As we reach the climax of this tale, we find Thawit Lorphoonpol, a name well-respected in the circles of rice milling, confirming the very essence of our story. With a nod, he acknowledges that the rising paddy prices have indeed been the siren call leading farmers to plant with an enthusiasm perhaps unseen. Whether it’s the non-jasmine rice fetching up to 13,000 baht per tonne or the jasmine rice shining bright at 15,500 baht per tonne, the message is clear – the land is alive with the promise of prosperity.

So here we stand, at the edge of a season of abundance shadowed by the potential of scarcity, a narrative woven with the hopes, fears, and ambitions of those for whom the land and water are not just resources but the very essence of life. The story of the Chao Phraya basin is far from over; it’s a saga that continues to unfold under the watchful eyes of the sky above and the earth below.


  1. JasmineF February 8, 2024

    The irony is breathtaking. Farmers chase profits at the potential expense of their own water supply. Isn’t it common sense to prioritize water conservation over short-term gains?

    • RiceKing99 February 8, 2024

      It’s easy to talk about conservation when you’re not the one worrying about your next meal. Higher paddy prices mean a better living for these farmers.

      • WaterGuardian February 8, 2024

        But at what cost? If we deplete our water resources, there won’t be any farming left to talk about. We need sustainable practices that secure both our present and future.

    • JasmineF February 8, 2024

      I get that, RiceKing99, but surely there’s a middle ground? Farming practices that both maximize profit and minimize environmental impact must exist. We can’t afford shortsightedness in agriculture.

  2. TechieTom February 8, 2024

    This could spell disaster for the tech industry in the area. Water scarcity hits us all. It’s time for industries and agriculture to collaborate on water-saving technologies and practices.

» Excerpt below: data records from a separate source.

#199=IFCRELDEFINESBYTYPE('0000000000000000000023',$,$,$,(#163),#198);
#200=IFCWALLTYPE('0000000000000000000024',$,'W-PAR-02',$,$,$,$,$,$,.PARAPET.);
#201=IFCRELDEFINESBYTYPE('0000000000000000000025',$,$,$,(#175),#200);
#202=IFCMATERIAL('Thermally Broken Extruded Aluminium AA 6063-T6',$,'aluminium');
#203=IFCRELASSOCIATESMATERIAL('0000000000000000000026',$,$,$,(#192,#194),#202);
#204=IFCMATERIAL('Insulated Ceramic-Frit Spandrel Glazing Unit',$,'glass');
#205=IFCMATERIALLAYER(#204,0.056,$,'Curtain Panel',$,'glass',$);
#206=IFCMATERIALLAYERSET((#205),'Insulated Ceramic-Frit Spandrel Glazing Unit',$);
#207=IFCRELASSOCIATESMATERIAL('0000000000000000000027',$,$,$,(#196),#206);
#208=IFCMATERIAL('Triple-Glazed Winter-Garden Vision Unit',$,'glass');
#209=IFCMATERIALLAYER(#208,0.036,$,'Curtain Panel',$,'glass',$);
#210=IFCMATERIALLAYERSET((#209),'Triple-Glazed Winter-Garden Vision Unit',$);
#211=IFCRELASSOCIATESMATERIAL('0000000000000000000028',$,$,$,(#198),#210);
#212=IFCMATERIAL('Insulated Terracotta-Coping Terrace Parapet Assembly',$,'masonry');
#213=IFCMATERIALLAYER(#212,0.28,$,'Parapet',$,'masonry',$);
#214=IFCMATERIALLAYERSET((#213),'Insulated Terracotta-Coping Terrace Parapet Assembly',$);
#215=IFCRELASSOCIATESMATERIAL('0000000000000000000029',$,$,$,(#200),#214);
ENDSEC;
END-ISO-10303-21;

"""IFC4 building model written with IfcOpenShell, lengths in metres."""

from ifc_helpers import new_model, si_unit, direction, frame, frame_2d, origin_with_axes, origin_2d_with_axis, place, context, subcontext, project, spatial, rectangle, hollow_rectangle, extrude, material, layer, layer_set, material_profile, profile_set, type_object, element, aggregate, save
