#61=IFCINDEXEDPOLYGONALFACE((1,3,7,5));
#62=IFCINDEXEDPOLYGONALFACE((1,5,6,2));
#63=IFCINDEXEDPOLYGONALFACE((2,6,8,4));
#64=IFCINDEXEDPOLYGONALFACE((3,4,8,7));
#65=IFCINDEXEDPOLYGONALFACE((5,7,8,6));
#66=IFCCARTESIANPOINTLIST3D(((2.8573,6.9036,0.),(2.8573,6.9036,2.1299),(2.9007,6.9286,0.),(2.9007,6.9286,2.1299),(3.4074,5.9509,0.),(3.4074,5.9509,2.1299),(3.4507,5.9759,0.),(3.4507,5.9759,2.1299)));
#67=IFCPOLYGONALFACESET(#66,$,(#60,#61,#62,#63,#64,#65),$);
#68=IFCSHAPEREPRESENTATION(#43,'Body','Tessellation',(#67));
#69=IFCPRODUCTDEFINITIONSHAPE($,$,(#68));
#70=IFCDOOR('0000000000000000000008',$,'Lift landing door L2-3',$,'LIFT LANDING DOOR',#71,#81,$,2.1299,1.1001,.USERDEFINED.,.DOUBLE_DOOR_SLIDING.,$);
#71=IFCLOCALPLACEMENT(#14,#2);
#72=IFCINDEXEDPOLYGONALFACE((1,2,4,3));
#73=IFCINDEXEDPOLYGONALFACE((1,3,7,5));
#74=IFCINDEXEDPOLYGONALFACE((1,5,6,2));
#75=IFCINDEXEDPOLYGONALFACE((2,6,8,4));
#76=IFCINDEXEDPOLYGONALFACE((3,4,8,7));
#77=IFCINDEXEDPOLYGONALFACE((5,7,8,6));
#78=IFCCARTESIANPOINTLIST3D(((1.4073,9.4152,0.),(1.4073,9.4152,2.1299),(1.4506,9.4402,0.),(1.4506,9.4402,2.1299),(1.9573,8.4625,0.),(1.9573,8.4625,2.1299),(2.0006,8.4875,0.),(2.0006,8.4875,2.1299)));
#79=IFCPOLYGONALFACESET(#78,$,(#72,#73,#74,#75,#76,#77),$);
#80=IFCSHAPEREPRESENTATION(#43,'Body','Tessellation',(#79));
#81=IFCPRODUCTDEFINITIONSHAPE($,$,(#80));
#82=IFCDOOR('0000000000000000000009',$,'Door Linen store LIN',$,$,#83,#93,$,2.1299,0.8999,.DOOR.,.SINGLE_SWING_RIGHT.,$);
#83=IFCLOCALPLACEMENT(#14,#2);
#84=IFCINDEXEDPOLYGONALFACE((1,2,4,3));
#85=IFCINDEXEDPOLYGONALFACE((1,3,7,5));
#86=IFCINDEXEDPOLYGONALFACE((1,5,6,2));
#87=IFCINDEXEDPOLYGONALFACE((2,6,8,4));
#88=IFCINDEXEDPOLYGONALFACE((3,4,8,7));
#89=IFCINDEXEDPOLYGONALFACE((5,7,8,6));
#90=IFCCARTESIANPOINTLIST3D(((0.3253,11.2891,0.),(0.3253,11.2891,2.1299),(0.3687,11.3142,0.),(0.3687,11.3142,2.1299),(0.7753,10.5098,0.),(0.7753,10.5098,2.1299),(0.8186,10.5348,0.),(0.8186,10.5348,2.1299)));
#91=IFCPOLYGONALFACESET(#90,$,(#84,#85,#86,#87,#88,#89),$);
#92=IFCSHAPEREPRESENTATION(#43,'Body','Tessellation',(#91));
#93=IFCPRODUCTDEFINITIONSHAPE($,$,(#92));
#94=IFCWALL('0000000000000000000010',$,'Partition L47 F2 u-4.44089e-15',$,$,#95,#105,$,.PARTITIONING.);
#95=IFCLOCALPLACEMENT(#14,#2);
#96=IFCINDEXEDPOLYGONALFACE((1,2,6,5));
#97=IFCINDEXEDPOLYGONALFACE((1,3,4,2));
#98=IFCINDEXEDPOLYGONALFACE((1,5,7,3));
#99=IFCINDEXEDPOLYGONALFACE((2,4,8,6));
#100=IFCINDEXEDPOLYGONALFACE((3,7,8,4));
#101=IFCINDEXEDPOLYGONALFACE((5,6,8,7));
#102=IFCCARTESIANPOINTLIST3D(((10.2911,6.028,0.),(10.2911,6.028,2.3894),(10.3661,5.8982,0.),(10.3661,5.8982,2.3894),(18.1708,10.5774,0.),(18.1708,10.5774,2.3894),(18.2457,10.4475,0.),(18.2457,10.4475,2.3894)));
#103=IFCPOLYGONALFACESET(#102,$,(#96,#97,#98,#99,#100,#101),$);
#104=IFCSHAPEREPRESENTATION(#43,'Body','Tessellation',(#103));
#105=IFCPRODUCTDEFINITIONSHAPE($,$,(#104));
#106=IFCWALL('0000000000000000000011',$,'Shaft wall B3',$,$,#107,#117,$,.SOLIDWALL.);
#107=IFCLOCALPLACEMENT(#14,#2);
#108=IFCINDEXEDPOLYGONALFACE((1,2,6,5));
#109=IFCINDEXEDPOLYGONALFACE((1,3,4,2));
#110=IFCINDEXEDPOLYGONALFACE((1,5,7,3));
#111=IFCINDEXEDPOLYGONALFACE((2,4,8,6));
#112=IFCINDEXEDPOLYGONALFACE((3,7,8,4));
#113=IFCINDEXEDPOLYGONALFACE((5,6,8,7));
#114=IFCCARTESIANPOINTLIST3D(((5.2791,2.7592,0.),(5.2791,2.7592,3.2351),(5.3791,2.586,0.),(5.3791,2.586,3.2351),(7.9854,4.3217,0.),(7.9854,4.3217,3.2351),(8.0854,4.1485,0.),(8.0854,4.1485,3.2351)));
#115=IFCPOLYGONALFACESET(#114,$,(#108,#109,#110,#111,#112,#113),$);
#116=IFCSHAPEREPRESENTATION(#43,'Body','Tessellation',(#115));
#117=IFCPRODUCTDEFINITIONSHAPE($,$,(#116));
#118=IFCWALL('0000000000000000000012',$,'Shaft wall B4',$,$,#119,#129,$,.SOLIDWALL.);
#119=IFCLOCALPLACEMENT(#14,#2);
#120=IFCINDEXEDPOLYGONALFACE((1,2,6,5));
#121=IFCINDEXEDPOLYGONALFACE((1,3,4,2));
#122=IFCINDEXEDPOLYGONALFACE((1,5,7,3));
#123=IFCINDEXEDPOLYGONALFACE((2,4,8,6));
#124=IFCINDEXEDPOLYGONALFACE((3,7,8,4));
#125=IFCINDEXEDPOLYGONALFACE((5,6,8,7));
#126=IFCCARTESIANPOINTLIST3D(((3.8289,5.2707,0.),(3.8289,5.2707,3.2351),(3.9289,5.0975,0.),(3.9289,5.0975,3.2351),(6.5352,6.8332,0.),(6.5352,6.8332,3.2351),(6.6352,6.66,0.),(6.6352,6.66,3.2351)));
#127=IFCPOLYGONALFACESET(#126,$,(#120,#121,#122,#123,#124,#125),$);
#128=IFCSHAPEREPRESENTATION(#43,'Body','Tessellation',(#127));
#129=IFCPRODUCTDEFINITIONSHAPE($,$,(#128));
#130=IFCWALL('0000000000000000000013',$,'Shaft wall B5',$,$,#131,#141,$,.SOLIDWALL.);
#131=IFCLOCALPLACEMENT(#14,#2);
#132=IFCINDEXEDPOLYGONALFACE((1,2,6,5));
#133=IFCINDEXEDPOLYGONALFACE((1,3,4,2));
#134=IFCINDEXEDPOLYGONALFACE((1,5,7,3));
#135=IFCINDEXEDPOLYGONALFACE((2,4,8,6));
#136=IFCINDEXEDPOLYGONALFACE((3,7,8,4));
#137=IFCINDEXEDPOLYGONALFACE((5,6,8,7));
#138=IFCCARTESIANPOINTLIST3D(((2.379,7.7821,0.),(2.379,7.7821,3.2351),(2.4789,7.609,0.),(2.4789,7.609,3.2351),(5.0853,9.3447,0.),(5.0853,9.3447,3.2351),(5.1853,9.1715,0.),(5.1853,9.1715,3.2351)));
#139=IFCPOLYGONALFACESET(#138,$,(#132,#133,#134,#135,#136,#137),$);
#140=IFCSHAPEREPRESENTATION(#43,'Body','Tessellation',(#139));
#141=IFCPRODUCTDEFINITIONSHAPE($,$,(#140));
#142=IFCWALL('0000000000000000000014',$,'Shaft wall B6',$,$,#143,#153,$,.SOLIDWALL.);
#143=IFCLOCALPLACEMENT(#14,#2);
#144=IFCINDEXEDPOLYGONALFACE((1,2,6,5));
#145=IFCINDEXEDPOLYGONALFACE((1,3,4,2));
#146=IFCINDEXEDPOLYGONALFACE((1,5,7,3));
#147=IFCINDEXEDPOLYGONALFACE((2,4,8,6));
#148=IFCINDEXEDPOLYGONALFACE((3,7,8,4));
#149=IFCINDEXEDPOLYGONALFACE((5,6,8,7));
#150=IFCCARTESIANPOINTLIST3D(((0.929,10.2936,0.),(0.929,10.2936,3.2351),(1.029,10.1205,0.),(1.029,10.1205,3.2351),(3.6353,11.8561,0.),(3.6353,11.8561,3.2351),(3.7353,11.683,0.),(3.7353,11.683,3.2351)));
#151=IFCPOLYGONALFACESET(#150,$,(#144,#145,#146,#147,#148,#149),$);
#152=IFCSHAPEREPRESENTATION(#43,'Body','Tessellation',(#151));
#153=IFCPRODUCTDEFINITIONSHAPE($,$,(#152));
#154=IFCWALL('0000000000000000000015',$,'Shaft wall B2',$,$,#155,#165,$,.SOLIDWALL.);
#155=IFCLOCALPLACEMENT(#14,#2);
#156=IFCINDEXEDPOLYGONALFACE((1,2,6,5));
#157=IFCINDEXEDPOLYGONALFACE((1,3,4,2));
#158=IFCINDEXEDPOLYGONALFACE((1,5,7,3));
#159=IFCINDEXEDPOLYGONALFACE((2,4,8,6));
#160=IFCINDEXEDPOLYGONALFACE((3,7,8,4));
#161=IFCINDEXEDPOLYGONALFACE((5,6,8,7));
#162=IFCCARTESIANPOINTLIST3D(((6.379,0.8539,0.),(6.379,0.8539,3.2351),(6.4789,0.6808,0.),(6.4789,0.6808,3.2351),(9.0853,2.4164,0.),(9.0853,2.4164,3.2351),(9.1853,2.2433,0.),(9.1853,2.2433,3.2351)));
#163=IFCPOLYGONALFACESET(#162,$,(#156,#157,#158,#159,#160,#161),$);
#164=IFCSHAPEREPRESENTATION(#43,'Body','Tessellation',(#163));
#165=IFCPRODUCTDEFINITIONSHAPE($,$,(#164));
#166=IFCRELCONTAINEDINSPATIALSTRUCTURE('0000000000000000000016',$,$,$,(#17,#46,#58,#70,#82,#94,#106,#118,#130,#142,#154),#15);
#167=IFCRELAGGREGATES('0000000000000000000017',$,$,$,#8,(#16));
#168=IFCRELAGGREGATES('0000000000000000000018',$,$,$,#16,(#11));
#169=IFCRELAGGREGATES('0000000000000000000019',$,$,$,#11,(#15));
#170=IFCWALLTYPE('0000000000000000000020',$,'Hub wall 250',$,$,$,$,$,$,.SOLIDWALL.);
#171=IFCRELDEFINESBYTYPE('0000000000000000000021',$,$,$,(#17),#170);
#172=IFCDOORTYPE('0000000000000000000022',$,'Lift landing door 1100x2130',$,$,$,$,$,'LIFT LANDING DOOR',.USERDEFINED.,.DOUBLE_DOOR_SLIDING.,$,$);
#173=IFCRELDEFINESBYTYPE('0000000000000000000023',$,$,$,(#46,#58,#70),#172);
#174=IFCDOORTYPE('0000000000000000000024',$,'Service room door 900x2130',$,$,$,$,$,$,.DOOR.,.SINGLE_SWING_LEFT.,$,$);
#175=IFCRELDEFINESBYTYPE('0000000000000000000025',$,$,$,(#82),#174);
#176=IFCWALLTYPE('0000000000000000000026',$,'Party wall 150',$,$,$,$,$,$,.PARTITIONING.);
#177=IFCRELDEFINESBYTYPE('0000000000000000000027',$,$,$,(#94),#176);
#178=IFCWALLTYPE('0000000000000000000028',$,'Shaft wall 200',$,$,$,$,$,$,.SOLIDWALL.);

    • AgriAdvocate February 8, 2024

      True, but don’t forget, agriculture is the backbone of our region. The tech industry has more resources to invest in innovative water-saving solutions. Maybe it’s time they led the way?

  3. FarmerJoe February 8, 2024

    As a local farmer, I can tell you all we’re doing is trying to make the most of a good situation. These high prices are rare, and who knows when we’ll see them again.

    • EcoWarrior February 8, 2024

      I understand wanting to seize the moment, FarmerJoe, but have you considered the long-term environmental cost? What if there’s not enough water next season because of overuse now?

      • FarmerJoe February 8, 2024

        It’s a tough call, but we often have to live season to season. I wish there were easy answers. Maybe there’s a way for us to learn water-saving techniques that don’t cut into our profits too much.

    • BettyBoop February 8, 2024

      It’s all well and good discussing this online, but what are we actually doing to help these farmers find sustainable practices? Maybe it’s time for some of us to volunteer our time or resources.

  4. HistoryBuff February 8, 2024

    Hasn’t this cycle of boom and bust in agriculture been repeating throughout history? We never seem to learn. It’s always profit over sustainability until it’s too late.

  5. OptimistPrime February 8, 2024

    Maybe this crisis could serve as a wake-up call. It’s an opportunity to innovate and come up with solutions that benefit both the agriculture and tech industries.

  6. SaltyFisherman February 8, 2024

    What about the fisheries and the impact of saltwater intrusion? This isn’t just a farming or industry issue; it’s going to affect us all in different ways.